At Google DeepMind, researchers have stopped simply observing nature and started becoming architects of discovery itself. A new era of artificial intelligence is reshaping how scientists pursue answers across biology, chemistry, medicine, and materials science—not by replacing human intuition, but by extending it at digital speed and scale. The American Academy of Arts and Sciences has dedicated a special issue to exploring this transformation, bringing together leading researchers to chart what may be the most consequential shift in the scientific method since the invention of the microscope.

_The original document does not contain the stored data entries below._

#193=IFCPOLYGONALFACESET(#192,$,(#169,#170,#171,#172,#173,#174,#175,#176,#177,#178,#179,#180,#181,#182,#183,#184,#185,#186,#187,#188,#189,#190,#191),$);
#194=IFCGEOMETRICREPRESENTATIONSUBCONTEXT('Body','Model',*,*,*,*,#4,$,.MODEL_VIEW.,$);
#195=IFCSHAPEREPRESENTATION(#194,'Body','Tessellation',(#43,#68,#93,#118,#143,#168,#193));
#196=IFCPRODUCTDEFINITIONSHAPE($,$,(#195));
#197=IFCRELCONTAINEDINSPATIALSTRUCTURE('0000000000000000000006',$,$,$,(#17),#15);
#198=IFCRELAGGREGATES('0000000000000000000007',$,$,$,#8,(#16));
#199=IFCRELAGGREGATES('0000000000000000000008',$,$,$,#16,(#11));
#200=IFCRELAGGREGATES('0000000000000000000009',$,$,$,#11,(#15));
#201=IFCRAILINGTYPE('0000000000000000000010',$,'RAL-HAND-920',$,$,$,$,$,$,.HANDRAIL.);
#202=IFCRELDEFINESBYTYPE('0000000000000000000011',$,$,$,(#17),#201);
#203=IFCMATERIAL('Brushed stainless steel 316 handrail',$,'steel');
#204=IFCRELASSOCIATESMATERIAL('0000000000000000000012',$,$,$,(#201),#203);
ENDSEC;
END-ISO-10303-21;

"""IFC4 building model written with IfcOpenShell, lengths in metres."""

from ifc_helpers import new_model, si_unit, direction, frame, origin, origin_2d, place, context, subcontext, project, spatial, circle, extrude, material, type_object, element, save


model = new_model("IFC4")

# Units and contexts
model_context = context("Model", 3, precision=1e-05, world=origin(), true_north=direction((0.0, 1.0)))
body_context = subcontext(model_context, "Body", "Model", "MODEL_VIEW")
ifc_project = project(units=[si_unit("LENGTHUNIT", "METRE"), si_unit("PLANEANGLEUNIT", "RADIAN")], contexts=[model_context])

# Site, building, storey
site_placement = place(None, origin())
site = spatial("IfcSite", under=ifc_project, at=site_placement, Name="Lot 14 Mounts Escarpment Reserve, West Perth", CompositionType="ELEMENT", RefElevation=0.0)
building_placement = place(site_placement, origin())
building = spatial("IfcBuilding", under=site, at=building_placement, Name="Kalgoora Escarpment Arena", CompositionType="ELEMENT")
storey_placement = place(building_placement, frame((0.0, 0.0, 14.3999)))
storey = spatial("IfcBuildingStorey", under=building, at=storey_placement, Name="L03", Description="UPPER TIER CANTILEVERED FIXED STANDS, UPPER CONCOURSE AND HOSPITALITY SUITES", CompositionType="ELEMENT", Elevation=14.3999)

The shift is profound because it touches three interwoven dimensions of science: matter (the chemicals and materials we study), minds (both human and artificial intelligence), and tools (the technologies we use to understand and manipulate reality). Historically, scientific progress has been defined by the tools we build to extend our perception—telescopes, microscopes, laboratory equipment. Today, AI has become that newest instrument, functioning as a lens for deciphering the nature of reality itself.

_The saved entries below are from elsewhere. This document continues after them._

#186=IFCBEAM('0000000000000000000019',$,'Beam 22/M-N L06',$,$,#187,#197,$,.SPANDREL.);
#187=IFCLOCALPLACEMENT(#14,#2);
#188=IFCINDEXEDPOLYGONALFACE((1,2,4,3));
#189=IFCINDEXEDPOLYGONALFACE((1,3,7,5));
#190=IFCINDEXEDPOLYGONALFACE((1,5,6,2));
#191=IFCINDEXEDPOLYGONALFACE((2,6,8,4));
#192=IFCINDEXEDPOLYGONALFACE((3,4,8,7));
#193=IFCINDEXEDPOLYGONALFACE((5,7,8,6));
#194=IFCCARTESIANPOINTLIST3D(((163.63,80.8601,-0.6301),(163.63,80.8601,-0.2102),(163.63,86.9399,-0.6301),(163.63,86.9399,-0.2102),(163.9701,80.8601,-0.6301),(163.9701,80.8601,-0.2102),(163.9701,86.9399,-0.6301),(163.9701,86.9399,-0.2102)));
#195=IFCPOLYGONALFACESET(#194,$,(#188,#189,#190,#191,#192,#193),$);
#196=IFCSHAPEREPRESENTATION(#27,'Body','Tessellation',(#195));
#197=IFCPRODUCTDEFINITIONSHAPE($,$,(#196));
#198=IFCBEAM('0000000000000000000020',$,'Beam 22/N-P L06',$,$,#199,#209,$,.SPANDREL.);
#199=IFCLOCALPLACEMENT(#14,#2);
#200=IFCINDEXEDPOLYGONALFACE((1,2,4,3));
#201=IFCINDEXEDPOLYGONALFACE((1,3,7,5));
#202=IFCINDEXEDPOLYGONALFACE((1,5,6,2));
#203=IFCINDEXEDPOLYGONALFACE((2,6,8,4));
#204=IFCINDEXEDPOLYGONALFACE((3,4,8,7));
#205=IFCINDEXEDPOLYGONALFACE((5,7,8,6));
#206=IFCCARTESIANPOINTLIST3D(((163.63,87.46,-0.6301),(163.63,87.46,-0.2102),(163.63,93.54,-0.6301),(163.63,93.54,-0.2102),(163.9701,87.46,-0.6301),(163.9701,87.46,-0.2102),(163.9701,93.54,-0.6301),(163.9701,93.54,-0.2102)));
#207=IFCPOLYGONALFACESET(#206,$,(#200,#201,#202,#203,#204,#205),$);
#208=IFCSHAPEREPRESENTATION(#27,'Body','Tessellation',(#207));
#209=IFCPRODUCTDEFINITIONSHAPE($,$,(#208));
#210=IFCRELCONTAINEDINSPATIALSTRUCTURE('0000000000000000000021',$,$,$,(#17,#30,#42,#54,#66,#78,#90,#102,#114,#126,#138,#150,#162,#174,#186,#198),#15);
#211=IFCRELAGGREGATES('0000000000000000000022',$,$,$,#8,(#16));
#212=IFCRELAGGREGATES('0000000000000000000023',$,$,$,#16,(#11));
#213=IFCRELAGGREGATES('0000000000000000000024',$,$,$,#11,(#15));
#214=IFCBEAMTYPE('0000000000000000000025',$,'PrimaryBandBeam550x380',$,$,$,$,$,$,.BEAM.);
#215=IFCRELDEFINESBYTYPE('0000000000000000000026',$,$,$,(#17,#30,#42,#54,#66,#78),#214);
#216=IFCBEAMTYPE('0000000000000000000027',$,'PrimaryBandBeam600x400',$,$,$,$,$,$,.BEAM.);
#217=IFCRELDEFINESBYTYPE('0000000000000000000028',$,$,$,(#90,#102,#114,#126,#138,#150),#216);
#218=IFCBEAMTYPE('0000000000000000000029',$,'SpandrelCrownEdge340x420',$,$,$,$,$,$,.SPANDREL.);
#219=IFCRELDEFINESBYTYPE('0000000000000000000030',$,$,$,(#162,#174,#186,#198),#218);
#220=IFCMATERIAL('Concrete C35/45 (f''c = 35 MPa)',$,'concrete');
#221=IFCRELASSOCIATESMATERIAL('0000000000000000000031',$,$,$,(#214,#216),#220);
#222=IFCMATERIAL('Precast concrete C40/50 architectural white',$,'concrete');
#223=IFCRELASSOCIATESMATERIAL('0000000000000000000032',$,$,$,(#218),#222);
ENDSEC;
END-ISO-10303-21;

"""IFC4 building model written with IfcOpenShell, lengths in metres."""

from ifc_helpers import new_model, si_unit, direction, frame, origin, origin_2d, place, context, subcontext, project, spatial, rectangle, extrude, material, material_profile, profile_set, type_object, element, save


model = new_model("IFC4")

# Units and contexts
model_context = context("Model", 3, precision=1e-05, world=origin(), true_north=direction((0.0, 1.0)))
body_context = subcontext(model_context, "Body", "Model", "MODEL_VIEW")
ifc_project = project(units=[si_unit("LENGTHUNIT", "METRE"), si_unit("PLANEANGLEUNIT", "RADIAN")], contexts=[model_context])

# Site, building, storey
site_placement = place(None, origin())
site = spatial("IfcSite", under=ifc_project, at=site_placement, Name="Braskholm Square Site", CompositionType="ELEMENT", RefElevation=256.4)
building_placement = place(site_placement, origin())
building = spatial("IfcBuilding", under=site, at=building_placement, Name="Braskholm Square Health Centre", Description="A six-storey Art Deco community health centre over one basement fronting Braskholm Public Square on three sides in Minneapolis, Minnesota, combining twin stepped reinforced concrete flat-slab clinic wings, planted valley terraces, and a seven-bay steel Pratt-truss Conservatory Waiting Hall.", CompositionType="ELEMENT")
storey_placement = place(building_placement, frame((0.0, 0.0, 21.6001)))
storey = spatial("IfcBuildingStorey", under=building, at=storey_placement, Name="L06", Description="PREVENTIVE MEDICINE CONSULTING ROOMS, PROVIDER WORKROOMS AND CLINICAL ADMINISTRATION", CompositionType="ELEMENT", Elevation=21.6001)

The breakthroughs are already visible. AlphaFold solved the grand challenge of protein folding, a problem that had resisted solution for decades. GNoME, another AI system, charted entirely new universes of stable materials that humans had never predicted. These aren't incremental gains—they represent fundamental bottlenecks in scientific discovery being overcome by machine intuition working in tandem with human reasoning.

In biology, a parallel revolution is unfolding through what researchers call "virtual cells." Measurement technologies and precise genetic manipulation now allow scientists to test cells under tens of thousands of perturbations, generating extraordinary detail. AI foundation models are learning to represent, simulate, and even anticipate cellular behavior from this data. The result: cells are no longer merely observed but comprehensively modeled, queried, and predicted in computer simulations. This transforms biology from a science of observation into one of active modeling, with implications for precision medicine and biotechnology that remain only dimly visible.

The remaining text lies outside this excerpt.